The authors grouped foods into four food processing categories,4 including ultra-processed foods, based on “the nature, extent, and purpose of the industrial processing.” Although the classification may be useful for descriptive purposes and for replication, this approach may not provide sufficient detail for consumers and decision makers in public health. Accordingly, the authors evaluated different food groups and found no evidence that the overall association was driven by a specific food subgroup such as starchy foods. However, to quantify the effect of food processing on health accurately, we need to refine the causal question further by identifying more precisely the ultra-processed foods that could lead to cancer.

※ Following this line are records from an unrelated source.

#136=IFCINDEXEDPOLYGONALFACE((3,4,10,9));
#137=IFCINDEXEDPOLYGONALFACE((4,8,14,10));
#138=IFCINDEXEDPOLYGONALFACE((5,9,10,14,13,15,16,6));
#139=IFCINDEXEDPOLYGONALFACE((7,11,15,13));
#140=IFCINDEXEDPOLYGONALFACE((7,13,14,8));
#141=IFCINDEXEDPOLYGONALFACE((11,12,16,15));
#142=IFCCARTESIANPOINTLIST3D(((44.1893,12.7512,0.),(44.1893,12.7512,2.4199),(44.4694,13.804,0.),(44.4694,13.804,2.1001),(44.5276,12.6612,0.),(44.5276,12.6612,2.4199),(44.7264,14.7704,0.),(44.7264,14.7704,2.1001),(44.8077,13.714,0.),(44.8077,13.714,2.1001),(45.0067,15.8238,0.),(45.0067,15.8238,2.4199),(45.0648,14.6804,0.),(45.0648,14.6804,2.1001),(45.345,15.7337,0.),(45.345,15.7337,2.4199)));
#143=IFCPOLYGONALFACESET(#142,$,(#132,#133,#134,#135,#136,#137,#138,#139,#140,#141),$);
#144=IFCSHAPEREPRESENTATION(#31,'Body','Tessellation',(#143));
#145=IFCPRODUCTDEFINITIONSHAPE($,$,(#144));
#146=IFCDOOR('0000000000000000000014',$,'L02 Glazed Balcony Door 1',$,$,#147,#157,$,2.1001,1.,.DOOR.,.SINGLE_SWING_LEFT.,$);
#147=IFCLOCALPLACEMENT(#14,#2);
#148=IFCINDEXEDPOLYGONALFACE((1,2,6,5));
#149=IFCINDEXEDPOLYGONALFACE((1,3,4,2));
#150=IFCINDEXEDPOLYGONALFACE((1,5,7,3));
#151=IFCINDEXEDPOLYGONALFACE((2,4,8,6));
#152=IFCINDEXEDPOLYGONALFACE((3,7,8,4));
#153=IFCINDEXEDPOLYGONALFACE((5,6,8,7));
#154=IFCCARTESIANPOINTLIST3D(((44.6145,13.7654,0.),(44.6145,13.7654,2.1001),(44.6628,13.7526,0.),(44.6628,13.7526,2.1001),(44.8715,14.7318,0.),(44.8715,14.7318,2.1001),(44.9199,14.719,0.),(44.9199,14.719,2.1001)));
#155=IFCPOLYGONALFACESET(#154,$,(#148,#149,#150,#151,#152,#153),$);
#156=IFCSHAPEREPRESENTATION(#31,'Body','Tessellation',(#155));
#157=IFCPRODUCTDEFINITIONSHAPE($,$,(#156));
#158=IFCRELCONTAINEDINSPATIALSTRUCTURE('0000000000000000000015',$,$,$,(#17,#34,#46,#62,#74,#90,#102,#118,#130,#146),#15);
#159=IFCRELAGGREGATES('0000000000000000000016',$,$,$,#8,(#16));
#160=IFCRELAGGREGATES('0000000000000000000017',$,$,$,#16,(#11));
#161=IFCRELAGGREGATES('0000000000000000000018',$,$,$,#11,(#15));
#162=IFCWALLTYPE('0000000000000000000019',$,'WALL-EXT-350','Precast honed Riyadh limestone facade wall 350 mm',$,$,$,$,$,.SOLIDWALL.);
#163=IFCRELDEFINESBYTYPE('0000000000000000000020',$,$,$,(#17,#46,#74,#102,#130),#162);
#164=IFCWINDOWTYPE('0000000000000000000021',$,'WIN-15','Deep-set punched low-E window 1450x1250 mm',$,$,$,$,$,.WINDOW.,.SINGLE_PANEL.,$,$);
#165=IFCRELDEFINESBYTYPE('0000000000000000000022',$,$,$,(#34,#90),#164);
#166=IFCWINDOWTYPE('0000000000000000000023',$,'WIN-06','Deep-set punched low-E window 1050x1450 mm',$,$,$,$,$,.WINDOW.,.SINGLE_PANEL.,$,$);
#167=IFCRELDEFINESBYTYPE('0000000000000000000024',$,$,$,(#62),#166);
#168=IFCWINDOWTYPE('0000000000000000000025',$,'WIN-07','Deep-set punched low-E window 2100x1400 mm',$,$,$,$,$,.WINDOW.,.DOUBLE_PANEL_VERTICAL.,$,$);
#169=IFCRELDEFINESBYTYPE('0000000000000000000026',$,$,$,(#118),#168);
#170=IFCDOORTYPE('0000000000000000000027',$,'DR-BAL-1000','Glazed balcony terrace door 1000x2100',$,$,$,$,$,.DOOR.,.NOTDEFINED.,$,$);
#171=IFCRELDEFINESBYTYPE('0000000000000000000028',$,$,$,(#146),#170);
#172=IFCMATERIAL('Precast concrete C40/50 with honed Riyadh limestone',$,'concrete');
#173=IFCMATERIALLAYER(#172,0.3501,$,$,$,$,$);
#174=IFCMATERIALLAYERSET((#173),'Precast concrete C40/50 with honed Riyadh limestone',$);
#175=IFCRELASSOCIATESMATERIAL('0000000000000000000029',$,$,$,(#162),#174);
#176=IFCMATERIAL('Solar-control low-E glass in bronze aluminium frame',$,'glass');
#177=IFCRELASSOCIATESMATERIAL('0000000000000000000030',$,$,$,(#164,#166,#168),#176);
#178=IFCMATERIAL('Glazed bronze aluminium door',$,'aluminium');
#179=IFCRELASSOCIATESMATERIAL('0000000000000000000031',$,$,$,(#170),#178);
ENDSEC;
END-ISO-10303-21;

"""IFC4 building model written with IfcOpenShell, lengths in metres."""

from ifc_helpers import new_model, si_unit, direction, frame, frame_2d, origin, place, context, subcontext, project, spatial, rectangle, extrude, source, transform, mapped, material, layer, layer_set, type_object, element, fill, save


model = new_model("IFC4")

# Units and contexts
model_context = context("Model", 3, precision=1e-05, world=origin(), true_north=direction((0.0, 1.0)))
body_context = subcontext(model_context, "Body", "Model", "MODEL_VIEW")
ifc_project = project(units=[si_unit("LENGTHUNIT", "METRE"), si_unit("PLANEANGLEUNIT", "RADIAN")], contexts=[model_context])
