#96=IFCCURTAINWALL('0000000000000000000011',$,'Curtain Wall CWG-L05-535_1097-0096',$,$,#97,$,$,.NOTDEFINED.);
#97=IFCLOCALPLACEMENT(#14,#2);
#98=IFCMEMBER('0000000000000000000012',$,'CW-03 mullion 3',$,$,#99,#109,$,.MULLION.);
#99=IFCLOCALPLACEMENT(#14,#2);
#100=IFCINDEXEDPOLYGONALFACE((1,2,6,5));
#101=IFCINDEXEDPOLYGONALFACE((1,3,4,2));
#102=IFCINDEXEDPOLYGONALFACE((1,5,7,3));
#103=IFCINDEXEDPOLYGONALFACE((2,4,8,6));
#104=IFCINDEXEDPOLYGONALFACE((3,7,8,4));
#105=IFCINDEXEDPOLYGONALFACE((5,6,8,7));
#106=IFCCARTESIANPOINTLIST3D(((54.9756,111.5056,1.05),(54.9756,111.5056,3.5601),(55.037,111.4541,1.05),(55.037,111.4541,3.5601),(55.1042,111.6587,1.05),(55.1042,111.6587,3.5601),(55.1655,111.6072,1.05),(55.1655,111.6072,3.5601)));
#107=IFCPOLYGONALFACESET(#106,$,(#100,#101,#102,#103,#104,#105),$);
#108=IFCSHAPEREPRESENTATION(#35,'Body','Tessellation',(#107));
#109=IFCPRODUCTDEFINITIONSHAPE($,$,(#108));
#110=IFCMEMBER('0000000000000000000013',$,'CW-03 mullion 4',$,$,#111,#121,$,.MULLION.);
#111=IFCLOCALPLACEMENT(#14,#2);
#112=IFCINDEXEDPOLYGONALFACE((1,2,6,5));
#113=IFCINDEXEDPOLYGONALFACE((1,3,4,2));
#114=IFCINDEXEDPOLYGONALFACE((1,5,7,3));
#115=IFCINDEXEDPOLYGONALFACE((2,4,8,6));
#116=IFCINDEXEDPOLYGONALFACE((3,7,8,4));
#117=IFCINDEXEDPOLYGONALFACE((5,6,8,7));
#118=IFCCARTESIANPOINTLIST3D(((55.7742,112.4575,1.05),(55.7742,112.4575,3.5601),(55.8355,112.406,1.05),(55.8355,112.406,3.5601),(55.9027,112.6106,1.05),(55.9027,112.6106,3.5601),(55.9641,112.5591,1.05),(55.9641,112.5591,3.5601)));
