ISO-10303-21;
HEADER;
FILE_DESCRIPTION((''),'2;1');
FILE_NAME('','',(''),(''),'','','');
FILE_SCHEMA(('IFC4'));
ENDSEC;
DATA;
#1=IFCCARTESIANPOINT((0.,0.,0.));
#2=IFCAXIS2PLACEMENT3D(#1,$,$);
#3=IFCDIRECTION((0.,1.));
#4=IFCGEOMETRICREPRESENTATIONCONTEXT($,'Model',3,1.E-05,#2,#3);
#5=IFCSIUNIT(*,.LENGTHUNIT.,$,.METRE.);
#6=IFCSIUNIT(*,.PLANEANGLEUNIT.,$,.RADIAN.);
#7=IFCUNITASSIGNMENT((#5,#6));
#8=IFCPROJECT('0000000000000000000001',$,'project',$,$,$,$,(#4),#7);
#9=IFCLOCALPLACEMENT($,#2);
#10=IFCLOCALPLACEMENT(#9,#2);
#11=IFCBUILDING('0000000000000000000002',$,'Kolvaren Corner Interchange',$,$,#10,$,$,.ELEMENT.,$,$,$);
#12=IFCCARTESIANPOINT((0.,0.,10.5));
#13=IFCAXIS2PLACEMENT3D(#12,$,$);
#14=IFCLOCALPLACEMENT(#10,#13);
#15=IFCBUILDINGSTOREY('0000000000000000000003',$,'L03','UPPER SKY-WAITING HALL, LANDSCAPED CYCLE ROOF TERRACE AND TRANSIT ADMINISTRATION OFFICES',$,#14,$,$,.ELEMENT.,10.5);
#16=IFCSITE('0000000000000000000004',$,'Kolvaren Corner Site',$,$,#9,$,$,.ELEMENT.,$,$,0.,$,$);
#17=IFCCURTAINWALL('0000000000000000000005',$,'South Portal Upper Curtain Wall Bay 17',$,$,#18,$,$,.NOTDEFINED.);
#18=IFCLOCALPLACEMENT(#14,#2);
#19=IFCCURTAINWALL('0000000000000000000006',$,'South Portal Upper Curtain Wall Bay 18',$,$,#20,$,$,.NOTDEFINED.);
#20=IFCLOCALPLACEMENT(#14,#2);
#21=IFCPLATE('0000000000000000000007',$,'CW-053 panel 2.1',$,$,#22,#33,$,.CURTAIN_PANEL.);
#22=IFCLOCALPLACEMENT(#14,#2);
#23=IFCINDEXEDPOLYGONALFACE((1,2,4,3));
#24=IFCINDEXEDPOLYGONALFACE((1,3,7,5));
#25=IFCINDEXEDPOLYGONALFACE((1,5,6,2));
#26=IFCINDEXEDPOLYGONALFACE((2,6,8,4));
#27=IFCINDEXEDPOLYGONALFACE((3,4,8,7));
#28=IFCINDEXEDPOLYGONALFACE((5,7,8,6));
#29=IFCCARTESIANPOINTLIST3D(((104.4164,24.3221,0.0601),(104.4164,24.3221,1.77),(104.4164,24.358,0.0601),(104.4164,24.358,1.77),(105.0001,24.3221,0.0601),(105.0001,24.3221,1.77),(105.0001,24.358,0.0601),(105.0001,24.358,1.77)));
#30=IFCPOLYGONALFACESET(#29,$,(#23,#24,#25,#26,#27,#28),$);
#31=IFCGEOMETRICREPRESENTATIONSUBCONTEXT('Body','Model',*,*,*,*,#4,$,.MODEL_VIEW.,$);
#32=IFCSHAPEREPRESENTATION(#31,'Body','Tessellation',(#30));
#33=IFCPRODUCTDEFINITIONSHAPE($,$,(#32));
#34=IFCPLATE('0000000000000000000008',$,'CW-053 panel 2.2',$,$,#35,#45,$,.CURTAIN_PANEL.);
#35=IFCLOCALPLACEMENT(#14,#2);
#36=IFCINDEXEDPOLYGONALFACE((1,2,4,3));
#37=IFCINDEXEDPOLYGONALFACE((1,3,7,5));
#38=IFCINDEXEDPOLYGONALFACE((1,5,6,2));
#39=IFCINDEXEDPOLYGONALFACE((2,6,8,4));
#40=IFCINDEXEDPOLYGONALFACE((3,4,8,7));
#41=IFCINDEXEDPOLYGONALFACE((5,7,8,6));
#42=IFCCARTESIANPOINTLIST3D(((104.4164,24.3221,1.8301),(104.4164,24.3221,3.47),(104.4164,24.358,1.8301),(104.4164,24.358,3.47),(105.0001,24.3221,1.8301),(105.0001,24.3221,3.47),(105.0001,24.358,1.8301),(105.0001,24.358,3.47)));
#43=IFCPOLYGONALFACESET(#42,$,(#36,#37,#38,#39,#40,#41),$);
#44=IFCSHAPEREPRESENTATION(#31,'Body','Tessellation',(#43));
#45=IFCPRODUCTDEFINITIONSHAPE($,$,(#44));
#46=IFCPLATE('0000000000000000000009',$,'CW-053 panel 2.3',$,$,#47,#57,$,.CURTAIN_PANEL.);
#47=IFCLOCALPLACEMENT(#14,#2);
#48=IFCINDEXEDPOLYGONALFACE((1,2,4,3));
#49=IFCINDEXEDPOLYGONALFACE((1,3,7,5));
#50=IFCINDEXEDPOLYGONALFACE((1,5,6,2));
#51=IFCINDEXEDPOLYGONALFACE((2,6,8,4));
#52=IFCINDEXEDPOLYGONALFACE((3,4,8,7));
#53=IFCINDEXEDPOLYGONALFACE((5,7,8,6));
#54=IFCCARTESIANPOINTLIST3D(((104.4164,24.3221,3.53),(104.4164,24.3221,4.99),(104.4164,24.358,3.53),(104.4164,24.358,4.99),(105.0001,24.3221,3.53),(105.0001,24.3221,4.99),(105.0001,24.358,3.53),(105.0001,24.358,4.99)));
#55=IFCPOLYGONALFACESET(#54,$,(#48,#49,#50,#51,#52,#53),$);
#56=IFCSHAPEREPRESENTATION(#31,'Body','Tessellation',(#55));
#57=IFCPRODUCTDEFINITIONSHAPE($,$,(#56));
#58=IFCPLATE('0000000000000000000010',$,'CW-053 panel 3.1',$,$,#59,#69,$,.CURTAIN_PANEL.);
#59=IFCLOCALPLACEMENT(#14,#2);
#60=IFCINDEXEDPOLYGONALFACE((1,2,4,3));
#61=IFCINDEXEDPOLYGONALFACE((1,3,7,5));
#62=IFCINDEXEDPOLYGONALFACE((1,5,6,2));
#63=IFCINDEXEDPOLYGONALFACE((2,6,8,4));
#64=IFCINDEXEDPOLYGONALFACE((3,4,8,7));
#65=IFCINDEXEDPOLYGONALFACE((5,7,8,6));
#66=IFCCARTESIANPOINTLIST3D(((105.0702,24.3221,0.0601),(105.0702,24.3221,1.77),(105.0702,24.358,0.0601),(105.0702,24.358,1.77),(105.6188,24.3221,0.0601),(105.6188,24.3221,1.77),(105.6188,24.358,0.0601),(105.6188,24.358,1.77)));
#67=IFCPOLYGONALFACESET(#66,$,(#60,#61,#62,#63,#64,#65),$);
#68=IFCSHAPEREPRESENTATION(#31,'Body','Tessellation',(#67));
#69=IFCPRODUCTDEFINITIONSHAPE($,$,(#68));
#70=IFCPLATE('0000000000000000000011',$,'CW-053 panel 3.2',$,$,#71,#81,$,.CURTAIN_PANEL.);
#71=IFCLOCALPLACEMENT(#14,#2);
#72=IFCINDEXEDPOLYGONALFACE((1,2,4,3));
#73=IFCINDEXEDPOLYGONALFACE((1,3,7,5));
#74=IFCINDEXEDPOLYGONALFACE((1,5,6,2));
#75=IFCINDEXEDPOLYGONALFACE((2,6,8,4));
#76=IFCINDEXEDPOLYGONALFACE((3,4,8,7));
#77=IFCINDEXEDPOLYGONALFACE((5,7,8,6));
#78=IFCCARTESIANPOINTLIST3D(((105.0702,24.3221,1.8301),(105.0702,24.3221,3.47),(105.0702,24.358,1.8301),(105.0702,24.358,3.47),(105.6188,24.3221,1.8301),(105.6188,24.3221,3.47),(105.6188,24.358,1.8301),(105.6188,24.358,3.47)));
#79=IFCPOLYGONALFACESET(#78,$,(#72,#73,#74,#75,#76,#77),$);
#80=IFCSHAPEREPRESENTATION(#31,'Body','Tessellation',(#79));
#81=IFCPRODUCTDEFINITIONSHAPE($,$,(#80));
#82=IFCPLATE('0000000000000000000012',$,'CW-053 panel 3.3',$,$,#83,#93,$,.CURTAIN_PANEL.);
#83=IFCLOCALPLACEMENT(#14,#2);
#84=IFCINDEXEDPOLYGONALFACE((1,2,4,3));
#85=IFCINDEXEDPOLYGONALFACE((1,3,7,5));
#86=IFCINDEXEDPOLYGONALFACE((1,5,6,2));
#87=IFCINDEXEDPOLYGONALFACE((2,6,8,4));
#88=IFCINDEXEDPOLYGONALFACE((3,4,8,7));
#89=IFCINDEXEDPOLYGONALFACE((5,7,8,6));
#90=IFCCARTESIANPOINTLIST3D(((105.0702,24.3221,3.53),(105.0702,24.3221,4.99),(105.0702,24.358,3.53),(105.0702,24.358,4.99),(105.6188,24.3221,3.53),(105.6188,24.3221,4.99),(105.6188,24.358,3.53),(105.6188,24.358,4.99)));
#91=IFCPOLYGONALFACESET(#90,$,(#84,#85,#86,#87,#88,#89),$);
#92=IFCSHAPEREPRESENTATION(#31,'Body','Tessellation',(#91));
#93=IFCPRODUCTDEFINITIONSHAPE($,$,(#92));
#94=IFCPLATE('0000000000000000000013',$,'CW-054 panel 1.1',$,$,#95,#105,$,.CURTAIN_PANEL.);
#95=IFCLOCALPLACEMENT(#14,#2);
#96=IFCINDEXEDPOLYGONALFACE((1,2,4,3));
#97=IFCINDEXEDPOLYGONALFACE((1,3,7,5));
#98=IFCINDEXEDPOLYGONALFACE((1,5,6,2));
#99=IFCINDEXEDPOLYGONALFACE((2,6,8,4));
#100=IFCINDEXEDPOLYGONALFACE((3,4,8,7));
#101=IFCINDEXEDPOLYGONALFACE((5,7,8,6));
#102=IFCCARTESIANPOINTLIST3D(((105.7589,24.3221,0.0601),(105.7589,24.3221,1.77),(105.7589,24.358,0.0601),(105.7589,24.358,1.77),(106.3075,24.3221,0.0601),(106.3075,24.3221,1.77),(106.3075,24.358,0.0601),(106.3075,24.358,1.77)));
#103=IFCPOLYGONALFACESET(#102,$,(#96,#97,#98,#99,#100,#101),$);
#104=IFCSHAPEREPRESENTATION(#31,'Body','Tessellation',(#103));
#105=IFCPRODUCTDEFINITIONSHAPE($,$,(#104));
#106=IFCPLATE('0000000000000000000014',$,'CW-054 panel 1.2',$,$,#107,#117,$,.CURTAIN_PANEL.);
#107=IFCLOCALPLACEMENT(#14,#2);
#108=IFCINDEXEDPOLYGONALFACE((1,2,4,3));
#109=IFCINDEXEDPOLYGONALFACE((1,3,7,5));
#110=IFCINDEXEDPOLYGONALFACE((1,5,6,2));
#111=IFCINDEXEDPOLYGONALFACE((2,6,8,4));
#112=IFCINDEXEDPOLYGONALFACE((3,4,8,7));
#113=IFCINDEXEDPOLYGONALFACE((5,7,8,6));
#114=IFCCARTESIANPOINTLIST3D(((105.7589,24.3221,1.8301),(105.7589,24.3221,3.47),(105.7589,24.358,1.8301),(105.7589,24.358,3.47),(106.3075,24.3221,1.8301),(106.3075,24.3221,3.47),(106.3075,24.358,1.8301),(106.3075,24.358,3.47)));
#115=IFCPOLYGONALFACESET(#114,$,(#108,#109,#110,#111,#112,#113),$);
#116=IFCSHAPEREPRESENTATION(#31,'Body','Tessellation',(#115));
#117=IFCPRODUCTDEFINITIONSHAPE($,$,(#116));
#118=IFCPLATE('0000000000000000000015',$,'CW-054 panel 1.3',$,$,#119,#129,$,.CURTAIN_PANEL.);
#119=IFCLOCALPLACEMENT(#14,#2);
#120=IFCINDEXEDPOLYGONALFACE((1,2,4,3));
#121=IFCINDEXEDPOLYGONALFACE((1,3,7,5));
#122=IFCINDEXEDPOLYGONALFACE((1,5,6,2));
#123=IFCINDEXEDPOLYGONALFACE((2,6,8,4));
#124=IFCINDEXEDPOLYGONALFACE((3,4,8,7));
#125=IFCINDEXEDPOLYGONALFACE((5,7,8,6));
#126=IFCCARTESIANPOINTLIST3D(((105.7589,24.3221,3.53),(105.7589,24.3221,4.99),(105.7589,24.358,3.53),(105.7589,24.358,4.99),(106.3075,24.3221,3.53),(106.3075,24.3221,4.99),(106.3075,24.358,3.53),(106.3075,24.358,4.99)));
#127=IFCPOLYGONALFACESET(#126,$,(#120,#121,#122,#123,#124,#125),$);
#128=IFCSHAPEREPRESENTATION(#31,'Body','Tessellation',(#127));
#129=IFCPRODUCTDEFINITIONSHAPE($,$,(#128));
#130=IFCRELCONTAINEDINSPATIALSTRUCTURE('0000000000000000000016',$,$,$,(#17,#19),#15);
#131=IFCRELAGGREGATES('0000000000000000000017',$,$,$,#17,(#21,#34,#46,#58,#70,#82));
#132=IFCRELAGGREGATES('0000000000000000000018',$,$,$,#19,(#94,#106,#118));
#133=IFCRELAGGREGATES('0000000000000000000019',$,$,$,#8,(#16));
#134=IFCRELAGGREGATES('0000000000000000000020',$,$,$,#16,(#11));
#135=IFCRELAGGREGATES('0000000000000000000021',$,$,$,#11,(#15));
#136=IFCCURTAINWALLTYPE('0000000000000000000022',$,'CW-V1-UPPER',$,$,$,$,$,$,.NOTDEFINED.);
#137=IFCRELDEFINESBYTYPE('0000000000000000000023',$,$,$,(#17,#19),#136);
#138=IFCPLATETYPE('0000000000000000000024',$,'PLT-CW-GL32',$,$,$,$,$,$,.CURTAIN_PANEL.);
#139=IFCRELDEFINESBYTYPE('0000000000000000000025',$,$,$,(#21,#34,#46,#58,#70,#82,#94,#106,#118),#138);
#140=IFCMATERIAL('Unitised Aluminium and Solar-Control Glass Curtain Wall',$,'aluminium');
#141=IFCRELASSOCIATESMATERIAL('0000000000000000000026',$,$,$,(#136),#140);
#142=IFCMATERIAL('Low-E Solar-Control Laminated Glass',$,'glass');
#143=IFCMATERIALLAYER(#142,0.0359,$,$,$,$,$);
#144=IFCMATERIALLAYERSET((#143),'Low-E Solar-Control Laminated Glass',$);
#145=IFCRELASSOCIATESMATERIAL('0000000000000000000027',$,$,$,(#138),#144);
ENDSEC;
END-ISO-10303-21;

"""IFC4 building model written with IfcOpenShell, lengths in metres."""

from ifc_helpers import new_model, si_unit, direction, frame, origin, origin_2d, place, context, subcontext, project, spatial, rectangle, extrude, material, layer, layer_set, type_object, element, aggregate, save


model = new_model("IFC4")

# Units and contexts
model_context = context("Model", 3, precision=1e-05, world=origin(), true_north=direction((0.0, 1.0)))
body_context = subcontext(model_context, "Body", "Model", "MODEL_VIEW")
ifc_project = project(units=[si_unit("LENGTHUNIT", "METRE"), si_unit("PLANEANGLEUNIT", "RADIAN")], contexts=[model_context])

# Site, building, storey
site_placement = place(None, origin())
site = spatial("IfcSite", under=ifc_project, at=site_placement, Name="Kolvaren Corner Site", CompositionType="ELEMENT", RefElevation=0.0)
building_placement = place(site_placement, origin())
building = spatial("IfcBuilding", under=site, at=building_placement, Name="Kolvaren Corner Interchange", CompositionType="ELEMENT")
storey_placement = place(building_placement, frame((0.0, 0.0, 10.5)))
storey = spatial("IfcBuildingStorey", under=building, at=storey_placement, Name="L03", Description="UPPER SKY-WAITING HALL, LANDSCAPED CYCLE ROOF TERRACE AND TRANSIT ADMINISTRATION OFFICES", CompositionType="ELEMENT", Elevation=10.5)

# Curtain walls
ifc_material_1 = material(Name="Unitised Aluminium and Solar-Control Glass Curtain Wall", Category="aluminium")
curtain_wall_type = type_object("IfcCurtainWallType", Name="CW-V1-UPPER", PredefinedType="NOTDEFINED", material=ifc_material_1)
curtain_wall_1_placement = place(storey_placement, origin())
curtain_wall_1 = element("IfcCurtainWall", 1, at=curtain_wall_1_placement, inside=storey, type_object=curtain_wall_type, Name="South Portal Upper Curtain Wall Bay 17", PredefinedType="NOTDEFINED")
curtain_wall_2_placement = place(storey_placement, origin())
curtain_wall_2 = element("IfcCurtainWall", 2, at=curtain_wall_2_placement, inside=storey, type_object=curtain_wall_type, Name="South Portal Upper Curtain Wall Bay 18", PredefinedType="NOTDEFINED")

# Plates
ifc_material_2 = material(Name="Low-E Solar-Control Laminated Glass", Category="glass")
ifc_layer = layer(ifc_material_2, 0.0359)
ifc_layer_set = layer_set([ifc_layer], Name="Low-E Solar-Control Laminated Glass")
plate_type = type_object("IfcPlateType", Name="PLT-CW-GL32", PredefinedType="CURTAIN_PANEL", material=ifc_layer_set)
plate_1_placement = place(storey_placement, frame((104.7083, 24.3401, 0.0601), z_axis=(0.0, 0.0, 1.0), x_axis=(1.0, 0.0, 0.0)))
plate_1 = element("IfcPlate", 3, at=plate_1_placement, type_object=plate_type, Name="CW-053 panel 2.1", PredefinedType="CURTAIN_PANEL", context=body_context, shape_type="SweptSolid", body=[
    extrude(rectangle(XDim=0.5837, YDim=0.0359, at=origin_2d()), origin(), (0.0, 0.0, 1.0), 1.71),
])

Secondly, as with any observational study, confounding by unknown factors common to consumption of ultra-processed foods and cancer outcomes cannot be excluded. Fiolet and colleagues adjusted their analyses for several well known risk factors for cancer, some of which seemed to be strongly related to ultra-processed food consumption. For example, cigarette smoking and low physical activity were far more common in participants who consumed a larger proportion of ultra-processed foods. Given the relatively weak

association between intake of ultra-processed foods and incidence of cancer, and the known difficulties in measuring some important risk factors for cancer such as physical activity, the possibility remains that residual confounding could explain the observed association between ultra-processed foods and cancer. The authors did several analyses to try to evaluate the potential effect of residual confounding, underscoring the importance of striving for complete and accurate collection of information on risk factors in epidemiologic studies.

The ultimate goal of nutritional epidemiology is to generate evidence to provide sound actionable advice to individuals and shape evidence based public policy to lower the risk of disease and increase wellbeing. Fiolet and colleagues provide an initial insight into a possible link between ultra-processed food related exposures and cancer. The authors should be commended for collecting detailed dietary and cancer data and for conducting multiple secondary and sensitivity analyses to test different assumptions. Their interesting results require replication and further refinement.

The changing realities of the global food supply and the inherent limitations of epidemiologic studies call for more basic science, including data from animals, to inform further research on the effect of food processing on humans. We are a long way from understanding the full implications of food processing for health and wellbeing. Care should be taken to transmit the strengths and limitations of this latest analysis to the general public and to increase the public’s understanding of the complexity associated with nutritional research in free living populations.